I’m not sure why Paolini dismisses some of these as simple falsifiable claims: the first, for example, is really a worldview, and several of the claims taken together could also constitute a worldview. And when philosophers and theologians go after “scientism”, they are (though the term is ill-defined) going after a fallacious worldview based on science, such as the first one above.
But Paolini doesn’t like that. As he says:
The thinker may be wrong in her belief, but even so her belief does not entail anything that could be considered scientism in any sense. This suggests that scientism does not reside in the content of relevant beliefs but elsewhere.
This, of course, suggests that Paolini wants to find some general problem that can be identified as scientism, a problem that characterizes all “scientistic” worldviews.

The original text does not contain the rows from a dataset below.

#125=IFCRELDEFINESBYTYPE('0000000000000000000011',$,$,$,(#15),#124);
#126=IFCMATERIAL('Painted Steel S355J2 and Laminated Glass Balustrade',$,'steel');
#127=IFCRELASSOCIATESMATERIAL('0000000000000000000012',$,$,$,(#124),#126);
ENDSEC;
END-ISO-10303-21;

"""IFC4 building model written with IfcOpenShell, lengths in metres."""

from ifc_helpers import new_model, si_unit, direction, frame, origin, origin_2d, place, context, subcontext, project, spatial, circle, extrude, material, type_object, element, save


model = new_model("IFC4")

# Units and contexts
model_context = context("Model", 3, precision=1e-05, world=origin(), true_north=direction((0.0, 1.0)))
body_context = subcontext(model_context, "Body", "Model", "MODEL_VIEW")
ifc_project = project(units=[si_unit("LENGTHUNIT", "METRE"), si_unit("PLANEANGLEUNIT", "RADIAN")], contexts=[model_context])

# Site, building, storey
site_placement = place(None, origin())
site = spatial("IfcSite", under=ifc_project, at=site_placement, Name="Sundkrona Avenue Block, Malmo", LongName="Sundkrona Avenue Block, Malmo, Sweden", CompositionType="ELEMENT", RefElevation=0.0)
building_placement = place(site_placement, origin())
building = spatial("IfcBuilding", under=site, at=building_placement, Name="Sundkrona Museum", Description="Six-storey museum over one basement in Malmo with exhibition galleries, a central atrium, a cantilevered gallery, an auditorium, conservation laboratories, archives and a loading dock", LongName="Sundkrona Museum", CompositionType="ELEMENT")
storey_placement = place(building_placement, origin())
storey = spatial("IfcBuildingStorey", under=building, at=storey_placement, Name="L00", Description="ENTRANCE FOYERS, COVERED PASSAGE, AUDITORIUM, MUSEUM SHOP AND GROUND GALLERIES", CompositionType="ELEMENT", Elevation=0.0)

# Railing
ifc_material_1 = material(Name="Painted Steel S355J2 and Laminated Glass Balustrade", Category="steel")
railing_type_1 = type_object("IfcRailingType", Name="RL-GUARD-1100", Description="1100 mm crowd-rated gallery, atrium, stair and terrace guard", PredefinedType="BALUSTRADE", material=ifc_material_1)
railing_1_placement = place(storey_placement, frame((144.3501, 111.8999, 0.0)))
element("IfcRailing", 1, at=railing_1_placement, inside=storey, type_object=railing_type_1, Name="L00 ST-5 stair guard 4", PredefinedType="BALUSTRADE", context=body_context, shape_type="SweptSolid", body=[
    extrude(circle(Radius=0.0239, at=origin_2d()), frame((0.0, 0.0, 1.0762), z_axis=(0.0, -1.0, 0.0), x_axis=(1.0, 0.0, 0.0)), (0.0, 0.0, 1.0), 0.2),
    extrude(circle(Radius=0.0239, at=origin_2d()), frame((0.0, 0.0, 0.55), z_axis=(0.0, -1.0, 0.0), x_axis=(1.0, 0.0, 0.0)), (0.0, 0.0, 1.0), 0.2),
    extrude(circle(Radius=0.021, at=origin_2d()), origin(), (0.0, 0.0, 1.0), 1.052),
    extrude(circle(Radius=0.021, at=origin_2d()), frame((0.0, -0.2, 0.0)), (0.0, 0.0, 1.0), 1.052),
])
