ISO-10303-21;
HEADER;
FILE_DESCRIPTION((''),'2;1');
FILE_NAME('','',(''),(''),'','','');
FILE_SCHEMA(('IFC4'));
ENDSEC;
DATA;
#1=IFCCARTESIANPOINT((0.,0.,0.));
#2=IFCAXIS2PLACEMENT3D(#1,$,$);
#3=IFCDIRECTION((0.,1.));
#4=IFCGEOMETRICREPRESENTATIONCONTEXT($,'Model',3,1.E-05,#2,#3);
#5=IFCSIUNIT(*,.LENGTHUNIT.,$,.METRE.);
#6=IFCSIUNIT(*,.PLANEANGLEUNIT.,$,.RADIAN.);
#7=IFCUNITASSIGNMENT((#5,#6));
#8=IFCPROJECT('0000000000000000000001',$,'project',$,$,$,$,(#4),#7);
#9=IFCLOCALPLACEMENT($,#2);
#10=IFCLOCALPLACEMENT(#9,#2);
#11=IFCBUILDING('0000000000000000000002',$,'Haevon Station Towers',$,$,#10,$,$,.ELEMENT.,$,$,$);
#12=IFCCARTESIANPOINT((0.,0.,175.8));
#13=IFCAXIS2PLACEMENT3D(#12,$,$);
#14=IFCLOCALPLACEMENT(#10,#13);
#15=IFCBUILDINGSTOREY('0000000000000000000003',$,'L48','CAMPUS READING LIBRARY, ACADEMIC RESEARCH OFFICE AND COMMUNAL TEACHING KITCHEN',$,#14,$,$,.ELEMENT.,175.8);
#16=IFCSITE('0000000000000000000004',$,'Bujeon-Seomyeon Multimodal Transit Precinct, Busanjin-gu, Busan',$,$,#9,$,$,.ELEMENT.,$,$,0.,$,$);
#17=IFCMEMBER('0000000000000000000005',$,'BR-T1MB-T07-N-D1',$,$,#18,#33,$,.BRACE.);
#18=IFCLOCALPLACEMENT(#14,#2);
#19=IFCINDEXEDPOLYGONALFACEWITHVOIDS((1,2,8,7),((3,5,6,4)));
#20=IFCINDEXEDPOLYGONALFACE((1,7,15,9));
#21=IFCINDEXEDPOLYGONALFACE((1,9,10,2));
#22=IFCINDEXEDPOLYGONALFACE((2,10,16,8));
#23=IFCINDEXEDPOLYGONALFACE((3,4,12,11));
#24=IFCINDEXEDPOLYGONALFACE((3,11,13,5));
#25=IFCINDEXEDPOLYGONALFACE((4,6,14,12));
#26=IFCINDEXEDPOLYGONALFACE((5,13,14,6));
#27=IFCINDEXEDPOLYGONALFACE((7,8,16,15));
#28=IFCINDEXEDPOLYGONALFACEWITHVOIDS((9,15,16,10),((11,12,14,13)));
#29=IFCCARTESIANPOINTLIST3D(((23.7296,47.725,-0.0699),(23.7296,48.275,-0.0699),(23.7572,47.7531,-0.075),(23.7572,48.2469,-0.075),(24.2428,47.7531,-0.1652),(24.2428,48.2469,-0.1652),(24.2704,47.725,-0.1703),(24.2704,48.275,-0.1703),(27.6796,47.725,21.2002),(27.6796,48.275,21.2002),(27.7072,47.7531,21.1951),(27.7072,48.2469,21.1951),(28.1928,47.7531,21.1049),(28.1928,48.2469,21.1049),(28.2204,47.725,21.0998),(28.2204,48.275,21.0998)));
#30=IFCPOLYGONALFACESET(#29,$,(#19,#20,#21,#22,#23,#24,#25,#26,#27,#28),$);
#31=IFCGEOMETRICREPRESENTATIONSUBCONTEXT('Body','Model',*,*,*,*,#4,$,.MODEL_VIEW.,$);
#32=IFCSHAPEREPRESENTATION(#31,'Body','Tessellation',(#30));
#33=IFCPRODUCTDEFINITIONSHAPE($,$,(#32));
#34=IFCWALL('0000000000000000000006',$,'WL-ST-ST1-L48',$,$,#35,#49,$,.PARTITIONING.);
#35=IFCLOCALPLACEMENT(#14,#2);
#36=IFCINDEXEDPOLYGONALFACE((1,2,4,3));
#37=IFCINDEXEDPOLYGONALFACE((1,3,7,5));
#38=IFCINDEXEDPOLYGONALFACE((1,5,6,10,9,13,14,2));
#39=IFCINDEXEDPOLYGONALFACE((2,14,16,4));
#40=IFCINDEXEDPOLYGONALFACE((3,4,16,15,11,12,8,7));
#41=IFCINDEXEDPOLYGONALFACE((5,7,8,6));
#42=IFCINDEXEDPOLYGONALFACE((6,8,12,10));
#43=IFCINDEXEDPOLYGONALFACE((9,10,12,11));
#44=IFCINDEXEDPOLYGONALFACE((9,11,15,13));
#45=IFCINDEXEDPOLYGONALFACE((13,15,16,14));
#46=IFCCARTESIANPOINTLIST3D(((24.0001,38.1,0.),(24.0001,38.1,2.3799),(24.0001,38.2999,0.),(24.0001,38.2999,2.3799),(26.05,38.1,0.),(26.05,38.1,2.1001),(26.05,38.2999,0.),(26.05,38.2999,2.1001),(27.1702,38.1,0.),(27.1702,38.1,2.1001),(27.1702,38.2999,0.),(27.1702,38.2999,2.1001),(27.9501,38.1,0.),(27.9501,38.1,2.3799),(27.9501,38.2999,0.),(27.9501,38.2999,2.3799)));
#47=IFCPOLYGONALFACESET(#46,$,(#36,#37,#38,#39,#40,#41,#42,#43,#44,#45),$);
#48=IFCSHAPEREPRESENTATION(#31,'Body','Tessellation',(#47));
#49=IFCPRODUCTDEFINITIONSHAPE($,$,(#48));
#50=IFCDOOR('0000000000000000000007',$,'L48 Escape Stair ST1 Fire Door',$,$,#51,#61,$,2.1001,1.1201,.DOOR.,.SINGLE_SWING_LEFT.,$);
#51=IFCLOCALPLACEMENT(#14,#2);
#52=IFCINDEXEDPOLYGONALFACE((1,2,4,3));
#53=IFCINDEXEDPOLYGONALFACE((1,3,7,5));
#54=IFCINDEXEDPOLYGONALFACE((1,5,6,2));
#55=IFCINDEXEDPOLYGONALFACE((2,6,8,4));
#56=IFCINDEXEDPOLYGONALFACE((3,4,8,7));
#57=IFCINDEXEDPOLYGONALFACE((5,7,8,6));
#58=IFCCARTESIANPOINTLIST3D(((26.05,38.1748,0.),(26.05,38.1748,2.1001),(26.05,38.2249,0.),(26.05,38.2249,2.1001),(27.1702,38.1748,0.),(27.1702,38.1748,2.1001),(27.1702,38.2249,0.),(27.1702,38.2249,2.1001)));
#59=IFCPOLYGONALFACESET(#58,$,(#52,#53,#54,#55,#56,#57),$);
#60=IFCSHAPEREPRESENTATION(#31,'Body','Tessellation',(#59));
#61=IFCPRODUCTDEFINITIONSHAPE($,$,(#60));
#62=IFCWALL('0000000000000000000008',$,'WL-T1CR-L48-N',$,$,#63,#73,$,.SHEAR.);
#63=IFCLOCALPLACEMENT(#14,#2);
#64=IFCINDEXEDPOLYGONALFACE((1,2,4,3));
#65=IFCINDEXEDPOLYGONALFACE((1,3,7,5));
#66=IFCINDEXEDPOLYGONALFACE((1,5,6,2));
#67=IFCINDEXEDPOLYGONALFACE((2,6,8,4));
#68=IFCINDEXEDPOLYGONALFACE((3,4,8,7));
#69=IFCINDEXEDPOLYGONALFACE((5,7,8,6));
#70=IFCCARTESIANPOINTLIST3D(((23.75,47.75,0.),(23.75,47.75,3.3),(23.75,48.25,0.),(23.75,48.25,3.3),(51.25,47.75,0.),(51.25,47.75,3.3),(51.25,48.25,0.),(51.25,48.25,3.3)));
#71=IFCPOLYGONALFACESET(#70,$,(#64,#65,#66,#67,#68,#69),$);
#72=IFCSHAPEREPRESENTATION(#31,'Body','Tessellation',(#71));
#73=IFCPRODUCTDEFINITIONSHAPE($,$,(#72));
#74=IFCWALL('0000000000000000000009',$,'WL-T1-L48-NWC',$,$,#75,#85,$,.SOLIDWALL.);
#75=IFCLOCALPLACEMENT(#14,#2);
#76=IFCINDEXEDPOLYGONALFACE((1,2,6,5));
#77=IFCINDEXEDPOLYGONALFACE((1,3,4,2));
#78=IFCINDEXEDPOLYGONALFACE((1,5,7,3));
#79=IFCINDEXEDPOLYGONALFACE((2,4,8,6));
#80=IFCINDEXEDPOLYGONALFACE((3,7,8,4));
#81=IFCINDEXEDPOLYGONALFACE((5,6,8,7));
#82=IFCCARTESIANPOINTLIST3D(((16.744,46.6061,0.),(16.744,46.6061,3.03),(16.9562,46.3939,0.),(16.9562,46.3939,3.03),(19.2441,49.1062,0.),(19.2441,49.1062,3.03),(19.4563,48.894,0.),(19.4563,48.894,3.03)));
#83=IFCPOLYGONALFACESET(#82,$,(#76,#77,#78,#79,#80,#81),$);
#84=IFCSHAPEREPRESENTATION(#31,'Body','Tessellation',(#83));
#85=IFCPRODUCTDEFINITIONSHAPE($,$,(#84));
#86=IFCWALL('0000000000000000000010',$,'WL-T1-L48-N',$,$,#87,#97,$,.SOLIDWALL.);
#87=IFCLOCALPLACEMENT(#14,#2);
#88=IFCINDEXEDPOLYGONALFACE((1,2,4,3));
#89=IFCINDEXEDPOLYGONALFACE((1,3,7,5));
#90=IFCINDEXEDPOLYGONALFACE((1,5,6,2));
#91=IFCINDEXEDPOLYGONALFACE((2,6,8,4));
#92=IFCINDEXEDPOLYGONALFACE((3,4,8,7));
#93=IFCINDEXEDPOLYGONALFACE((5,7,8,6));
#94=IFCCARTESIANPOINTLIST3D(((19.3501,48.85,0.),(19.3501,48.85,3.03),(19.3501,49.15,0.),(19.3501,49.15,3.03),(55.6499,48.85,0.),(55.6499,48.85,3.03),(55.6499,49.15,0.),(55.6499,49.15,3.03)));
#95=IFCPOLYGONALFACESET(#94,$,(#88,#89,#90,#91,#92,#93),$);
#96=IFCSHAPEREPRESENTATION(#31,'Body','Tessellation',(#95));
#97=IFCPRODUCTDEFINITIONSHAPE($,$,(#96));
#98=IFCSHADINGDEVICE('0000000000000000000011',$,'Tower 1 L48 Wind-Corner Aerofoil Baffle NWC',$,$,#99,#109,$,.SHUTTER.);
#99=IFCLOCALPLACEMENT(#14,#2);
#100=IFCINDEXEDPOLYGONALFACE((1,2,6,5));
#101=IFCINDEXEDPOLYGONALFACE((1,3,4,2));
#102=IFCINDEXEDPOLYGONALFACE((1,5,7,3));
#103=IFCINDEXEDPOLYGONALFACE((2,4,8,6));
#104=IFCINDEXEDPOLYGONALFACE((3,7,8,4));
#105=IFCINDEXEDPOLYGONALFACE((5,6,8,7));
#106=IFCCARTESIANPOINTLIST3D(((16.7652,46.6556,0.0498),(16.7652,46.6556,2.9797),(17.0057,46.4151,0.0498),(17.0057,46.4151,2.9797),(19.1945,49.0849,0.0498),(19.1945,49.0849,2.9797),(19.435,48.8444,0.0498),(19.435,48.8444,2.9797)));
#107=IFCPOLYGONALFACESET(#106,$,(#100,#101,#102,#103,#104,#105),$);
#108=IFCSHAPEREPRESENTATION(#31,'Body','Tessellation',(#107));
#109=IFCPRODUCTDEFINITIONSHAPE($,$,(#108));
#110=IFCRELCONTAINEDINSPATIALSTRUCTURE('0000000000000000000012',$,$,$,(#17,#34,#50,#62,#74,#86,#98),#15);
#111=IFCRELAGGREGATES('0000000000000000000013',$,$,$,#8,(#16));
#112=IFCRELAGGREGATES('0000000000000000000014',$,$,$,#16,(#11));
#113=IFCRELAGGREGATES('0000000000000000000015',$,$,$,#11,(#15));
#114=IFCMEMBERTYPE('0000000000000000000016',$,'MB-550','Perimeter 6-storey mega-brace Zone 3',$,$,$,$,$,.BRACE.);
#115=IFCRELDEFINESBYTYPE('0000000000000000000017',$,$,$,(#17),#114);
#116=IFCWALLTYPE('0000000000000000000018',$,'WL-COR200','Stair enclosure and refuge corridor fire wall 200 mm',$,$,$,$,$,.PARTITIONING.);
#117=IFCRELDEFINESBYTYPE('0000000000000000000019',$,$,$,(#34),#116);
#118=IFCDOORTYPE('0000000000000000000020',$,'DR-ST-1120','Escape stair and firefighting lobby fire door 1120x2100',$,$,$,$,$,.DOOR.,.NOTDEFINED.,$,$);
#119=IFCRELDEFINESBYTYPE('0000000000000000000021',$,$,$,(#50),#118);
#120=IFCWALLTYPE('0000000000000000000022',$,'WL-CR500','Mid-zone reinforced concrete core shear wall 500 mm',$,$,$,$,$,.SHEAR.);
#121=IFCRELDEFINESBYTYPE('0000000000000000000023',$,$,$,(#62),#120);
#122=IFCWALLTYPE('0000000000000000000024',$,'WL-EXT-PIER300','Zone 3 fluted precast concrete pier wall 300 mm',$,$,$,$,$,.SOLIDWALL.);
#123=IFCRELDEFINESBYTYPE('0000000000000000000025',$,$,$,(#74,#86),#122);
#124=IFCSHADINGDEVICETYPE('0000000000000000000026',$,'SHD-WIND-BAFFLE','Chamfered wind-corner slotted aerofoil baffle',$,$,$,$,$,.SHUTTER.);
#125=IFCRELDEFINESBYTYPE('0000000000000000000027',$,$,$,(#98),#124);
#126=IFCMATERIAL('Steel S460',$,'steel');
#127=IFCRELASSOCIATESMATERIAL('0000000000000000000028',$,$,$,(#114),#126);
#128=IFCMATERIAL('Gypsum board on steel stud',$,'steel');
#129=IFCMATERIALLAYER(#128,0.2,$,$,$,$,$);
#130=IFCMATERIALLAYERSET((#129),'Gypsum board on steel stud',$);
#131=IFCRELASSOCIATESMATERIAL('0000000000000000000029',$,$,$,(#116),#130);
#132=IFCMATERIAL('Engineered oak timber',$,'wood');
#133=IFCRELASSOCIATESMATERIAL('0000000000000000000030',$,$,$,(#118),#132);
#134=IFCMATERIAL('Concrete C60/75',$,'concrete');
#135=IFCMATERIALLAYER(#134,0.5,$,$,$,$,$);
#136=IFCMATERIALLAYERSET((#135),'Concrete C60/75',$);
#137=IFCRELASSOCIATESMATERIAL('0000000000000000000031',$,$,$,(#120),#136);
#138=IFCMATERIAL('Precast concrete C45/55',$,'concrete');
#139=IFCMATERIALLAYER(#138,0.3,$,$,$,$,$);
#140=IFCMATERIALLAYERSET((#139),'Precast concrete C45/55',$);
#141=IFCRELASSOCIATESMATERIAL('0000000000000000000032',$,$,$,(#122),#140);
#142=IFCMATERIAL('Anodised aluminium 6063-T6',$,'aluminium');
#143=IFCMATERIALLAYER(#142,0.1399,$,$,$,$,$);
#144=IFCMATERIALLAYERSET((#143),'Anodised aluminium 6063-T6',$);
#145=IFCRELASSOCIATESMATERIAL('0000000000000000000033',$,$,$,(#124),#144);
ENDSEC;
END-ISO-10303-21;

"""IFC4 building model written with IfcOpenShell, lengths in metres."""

from ifc_helpers import new_model, si_unit, direction, frame, frame_2d, origin, origin_2d, place, context, subcontext, project, spatial, rectangle, hollow_rectangle, extrude, material, layer, layer_set, material_profile, profile_set, type_object, element, fill, save


model = new_model("IFC4")

# Units and contexts
model_context = context("Model", 3, precision=1e-05, world=origin(), true_north=direction((0.0, 1.0)))
body_context = subcontext(model_context, "Body", "Model", "MODEL_VIEW")
ifc_project = project(units=[si_unit("LENGTHUNIT", "METRE"), si_unit("PLANEANGLEUNIT", "RADIAN")], contexts=[model_context])

# Site, building, storey
site_placement = place(None, origin())
site = spatial("IfcSite", under=ifc_project, at=site_placement, Name="Bujeon-Seomyeon Multimodal Transit Precinct, Busanjin-gu, Busan", CompositionType="ELEMENT", RefElevation=0.0)
building_placement = place(site_placement, origin())
building = spatial("IfcBuilding", under=site, at=building_placement, Name="Haevon Station Towers", CompositionType="ELEMENT")
storey_placement = place(building_placement, frame((0.0, 0.0, 175.8)))
storey = spatial("IfcBuildingStorey", under=building, at=storey_placement, Name="L48", Description="CAMPUS READING LIBRARY, ACADEMIC RESEARCH OFFICE AND COMMUNAL TEACHING KITCHEN", CompositionType="ELEMENT", Elevation=175.8)

# Shared definitions
ifc_material_1 = material(Name="Steel S460", Category="steel")

# Member
ifc_material_profile_1 = material_profile(ifc_material_1, hollow_rectangle(XDim=0.55, YDim=0.55, WallThickness=0.0281, at=origin_2d()), Name="RHS-550x550x28")
ifc_profile_set_1 = profile_set([ifc_material_profile_1], Name="Steel S460")
member_type = type_object("IfcMemberType", Name="MB-550", Description="Perimeter 6-storey mega-brace Zone 3", PredefinedType="BRACE", material=ifc_profile_set_1)
member_placement = place(storey_placement, frame((24.0, 48.0, -0.1201), z_axis=(0.182583, 0.0, 0.98319), x_axis=(0.0, 1.0, 0.0)))
element("IfcMember", 1, at=member_placement, inside=storey, type_object=member_type, Name="BR-T1MB-T07-N-D1", PredefinedType="BRACE", context=body_context, shape_type="SweptSolid", body=[
    extrude(hollow_rectangle(XDim=0.55, YDim=0.55, WallThickness=0.0281, at=origin_2d()), origin(), (0.0, 0.0, 1.0), 21.6338),
])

His solution is this, which at first sounds not too shabby:
We may sharpen this account with the notion of a scientistic belief; here I use the word ‘scientistic’ as simply an adjectival form of the noun ‘scientism.’ We shall say that a belief is scientistic just in case it is falsely justified by a pro-science belief; that is, if a belief appeals to a pro-science belief that does not in fact warrant it, then that belief is scientistic.
He then gives three examples of “scientistic inferences”:
Below, while the premises are pro-science beliefs that may or may not be scientistic, the conclusions are scientistic beliefs that may or may not be overtly pro-science.
[Premise] Science is the greatest authority on human knowledge.
[Conclusion] If science says that consciousness does not exist, non-scientists should simply accept it.
[P] Science has been far more successful than the humanities in improving human life.
[C] Resources should be directed away from the humanities toward science.
[P] Science provides the truth about reality while religions do not.
[C] The scientific worldview should be preferred to any religious worldview.
Paolini, then, sees “scientism” as something like “a form of fallacious inference that involves exaggerated respect for science” (this is my take).
I suppose there’s some merit to this, but I see it as superfluous. If “scientism” is just “flawed reasoning,” his words, then why don’t we call it “flawed reasoning?” After all, “scientism” could then devolve to just a single instance of flawed reasoning, and is not any kind of worldview, which is how everyone who uses it (perjoratively) means it. And if “scientism” means “systematically flawed reasoning based on too much respect for science,” then we must also have a new term, “religionism”, meaning “systematically flawed reasoning based on too much respect for religion.” And we could also have “philosophism,” fallacies based on too much respect for philosophy. Religionism, of course, is pervasive, but we don’t see Pigliucci, or anyone else, accusing the faithful or repeatedly committing this logical error.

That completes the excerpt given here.